Control is located in the same position as on PC keyboards.

Command is located between the spacebar and Option (in the same position as Alt on typical PC keyboards, but I believe it sends the same scan code as the Windows key on PC keyboards.

I’ve got a Logitech bluetooth keyboard in front of me that has separate Mac and PC modes, and it has the keys adjacent to the spacebar marked as “alt” for PC and “command” for Mac.

Personally, I’m planning to set things up with a Command key on the left, and Alt/Option key on the right, and use Palm + Command to send LAlt/LOption, and Palm + Alt to send RCommand. This gives me all eight usual modifiers, and a nearly-symmetric keyboard.

My draft layout is on KLE.

If you’re using the palm fn key to modify your modifiers, then you can’t use it for an embedded fn-layer. Is that what you intend?

Why not? “Fn+Command” is “Alt” in my plan. Is there some reason that’s impossible?

Let’s take the example of arrow keys. To get an arrow key, you hit fn+hjkl. So to get command-arrowkey you hit fn+command+hjkl. But if fn+command is now alt…?

I want a mode switch that’s independent of layers and doesn’t require anything more than pressing some key combination, but all I need it for is the most common commands that are different. Cut, copy, paste, and undo are infuriating when switching back and forth, as I do, because they use Command on Mac, but Control on everything else. Application and window switching are the other one (Command on Mac, but Alt on everything else).

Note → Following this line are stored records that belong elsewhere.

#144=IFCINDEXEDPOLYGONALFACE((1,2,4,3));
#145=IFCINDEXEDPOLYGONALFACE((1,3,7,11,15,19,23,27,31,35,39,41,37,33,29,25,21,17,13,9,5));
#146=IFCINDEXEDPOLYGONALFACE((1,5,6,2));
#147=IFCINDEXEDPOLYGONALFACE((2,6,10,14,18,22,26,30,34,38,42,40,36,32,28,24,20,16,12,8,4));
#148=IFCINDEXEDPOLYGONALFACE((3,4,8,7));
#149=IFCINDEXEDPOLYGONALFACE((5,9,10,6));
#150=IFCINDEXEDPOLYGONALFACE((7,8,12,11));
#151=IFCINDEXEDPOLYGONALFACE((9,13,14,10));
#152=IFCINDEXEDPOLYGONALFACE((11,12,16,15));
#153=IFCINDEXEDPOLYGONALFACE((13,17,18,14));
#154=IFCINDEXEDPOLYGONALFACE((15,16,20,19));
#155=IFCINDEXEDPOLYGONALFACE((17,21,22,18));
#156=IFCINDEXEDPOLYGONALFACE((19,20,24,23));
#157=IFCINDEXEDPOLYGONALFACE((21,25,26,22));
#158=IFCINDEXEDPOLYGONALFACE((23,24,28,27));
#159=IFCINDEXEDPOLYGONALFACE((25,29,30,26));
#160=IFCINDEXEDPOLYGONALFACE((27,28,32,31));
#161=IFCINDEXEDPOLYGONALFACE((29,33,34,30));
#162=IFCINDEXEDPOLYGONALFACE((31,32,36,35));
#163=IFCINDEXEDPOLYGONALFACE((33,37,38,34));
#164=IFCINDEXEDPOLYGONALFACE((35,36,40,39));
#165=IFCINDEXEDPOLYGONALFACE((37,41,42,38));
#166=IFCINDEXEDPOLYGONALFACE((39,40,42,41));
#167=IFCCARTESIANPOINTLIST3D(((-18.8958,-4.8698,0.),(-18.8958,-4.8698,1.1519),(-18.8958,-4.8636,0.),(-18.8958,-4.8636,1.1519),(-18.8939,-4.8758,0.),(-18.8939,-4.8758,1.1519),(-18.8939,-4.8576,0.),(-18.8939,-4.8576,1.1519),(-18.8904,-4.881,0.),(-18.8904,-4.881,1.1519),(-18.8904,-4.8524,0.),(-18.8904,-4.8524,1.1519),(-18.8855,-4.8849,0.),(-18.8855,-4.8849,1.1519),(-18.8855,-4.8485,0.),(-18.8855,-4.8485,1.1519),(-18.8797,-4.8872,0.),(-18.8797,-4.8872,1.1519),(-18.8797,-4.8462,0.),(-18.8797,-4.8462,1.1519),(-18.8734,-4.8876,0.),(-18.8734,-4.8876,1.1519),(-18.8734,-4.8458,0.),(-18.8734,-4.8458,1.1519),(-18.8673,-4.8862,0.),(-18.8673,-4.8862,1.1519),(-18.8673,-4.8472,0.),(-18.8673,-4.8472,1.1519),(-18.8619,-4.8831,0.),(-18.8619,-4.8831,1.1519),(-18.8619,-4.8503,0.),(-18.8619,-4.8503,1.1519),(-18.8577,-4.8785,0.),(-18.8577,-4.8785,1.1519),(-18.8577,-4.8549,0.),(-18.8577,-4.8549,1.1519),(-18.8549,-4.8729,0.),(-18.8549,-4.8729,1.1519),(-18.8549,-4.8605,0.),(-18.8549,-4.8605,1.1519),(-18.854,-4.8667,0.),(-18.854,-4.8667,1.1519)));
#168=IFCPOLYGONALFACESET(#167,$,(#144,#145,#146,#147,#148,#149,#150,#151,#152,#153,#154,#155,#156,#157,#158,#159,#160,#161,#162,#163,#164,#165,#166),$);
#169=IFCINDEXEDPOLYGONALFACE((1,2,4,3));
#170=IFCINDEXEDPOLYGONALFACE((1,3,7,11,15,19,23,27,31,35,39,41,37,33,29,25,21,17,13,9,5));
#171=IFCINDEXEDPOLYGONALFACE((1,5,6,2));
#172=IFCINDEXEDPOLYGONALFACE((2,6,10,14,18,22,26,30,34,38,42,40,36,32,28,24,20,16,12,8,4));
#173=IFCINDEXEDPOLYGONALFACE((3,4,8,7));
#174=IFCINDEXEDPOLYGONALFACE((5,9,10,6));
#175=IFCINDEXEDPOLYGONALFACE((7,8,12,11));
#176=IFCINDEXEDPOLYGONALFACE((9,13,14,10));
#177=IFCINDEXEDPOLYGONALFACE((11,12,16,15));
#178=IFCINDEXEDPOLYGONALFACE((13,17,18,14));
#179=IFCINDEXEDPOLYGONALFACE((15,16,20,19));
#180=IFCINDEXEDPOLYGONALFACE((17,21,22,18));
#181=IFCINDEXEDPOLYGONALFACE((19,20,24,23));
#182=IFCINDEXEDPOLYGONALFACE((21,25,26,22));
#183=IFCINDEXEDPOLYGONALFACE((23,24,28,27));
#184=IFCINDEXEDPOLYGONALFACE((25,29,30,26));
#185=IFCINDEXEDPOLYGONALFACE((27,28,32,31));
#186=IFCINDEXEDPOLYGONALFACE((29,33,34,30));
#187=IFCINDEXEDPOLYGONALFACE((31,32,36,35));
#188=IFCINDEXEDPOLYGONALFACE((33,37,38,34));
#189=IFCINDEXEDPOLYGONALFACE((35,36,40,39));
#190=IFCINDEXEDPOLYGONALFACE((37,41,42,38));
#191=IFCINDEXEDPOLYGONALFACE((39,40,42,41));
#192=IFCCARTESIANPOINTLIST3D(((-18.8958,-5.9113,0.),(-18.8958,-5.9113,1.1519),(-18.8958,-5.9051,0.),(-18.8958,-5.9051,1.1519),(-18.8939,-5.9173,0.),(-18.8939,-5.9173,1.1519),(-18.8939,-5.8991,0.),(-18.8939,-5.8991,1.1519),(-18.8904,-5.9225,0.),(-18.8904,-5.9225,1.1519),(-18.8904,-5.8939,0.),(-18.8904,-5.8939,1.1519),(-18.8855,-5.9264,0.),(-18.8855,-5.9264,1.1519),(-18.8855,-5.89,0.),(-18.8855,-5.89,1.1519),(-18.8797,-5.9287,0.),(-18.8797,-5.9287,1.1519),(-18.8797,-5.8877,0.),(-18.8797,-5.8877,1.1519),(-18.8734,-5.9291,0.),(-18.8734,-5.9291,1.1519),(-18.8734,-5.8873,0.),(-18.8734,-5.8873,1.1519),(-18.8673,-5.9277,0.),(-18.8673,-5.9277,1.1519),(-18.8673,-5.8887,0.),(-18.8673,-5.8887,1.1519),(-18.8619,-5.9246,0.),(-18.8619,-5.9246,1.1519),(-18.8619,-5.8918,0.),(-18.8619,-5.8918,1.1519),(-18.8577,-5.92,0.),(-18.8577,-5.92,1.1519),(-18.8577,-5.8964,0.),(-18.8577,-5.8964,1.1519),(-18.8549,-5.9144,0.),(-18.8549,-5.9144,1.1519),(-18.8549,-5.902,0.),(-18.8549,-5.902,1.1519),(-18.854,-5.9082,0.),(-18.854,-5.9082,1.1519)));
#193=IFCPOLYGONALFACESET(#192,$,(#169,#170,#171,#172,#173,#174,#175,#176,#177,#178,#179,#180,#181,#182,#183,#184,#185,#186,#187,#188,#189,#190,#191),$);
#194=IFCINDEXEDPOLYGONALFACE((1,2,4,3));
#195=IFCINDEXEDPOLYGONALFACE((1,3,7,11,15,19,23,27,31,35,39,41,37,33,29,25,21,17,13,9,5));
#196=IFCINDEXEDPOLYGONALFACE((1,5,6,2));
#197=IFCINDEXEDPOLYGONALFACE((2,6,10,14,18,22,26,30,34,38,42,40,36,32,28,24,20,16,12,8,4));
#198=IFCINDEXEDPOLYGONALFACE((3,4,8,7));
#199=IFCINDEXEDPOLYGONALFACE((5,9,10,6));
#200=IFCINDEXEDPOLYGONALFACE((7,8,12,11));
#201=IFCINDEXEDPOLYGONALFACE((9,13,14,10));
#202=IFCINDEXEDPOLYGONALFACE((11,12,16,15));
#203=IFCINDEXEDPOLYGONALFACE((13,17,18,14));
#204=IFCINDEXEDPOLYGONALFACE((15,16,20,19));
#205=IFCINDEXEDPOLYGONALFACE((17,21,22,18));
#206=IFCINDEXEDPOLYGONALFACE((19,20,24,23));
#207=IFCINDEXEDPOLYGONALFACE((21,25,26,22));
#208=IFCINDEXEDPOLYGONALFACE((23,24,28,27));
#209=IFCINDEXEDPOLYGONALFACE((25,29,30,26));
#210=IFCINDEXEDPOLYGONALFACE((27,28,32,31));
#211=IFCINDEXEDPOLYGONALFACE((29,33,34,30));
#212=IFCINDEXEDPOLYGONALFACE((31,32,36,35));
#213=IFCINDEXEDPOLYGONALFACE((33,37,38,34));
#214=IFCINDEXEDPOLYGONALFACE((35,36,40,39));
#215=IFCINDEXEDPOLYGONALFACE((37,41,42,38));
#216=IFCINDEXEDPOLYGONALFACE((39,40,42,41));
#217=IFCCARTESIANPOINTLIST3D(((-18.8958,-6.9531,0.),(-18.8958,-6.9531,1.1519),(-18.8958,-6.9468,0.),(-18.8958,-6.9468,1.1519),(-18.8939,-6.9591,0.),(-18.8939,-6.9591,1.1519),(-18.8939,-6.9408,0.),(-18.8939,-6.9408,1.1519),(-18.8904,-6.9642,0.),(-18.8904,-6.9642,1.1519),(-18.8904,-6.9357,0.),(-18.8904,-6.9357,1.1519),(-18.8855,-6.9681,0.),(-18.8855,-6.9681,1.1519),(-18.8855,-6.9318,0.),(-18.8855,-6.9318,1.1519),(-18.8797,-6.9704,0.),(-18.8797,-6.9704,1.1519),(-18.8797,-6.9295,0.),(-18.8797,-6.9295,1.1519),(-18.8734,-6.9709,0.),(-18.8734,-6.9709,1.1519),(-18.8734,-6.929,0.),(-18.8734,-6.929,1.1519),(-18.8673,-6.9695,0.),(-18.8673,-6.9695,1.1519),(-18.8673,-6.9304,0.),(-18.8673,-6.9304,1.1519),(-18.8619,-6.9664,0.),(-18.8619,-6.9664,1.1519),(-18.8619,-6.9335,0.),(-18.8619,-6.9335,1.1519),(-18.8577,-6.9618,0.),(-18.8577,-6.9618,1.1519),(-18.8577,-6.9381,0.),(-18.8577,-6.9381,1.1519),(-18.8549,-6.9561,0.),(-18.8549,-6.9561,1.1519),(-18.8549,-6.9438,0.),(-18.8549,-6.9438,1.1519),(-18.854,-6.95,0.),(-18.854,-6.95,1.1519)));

My biggest problem is that Emacs and XQuartz apps (i.e. Inkscape) continue to use Control and Alt(Option), but not Command.

Oh, thanks! This is so much easier to do when actually testing…

There are building blocks that help you achieve this, you just have to lego the pieces together (I’ll happily help with that, these make very good examples for documentation and HOWTOs), instead of having a ready-made, generic plugin that Just Works™ (this last bit appears to be the… impossible task in this case).

Now that I think about it, that’s not the real problem. I could still get command+arrow by using Fn+alt+arrow. The problem is that it doesn’t actually get me the other modifiers with keys that are re-mapped on that layer…unless I do something more complicated, like using left palm + right alt to get right command as a one-shot or sticky modifier, but using right palm + right alt alone.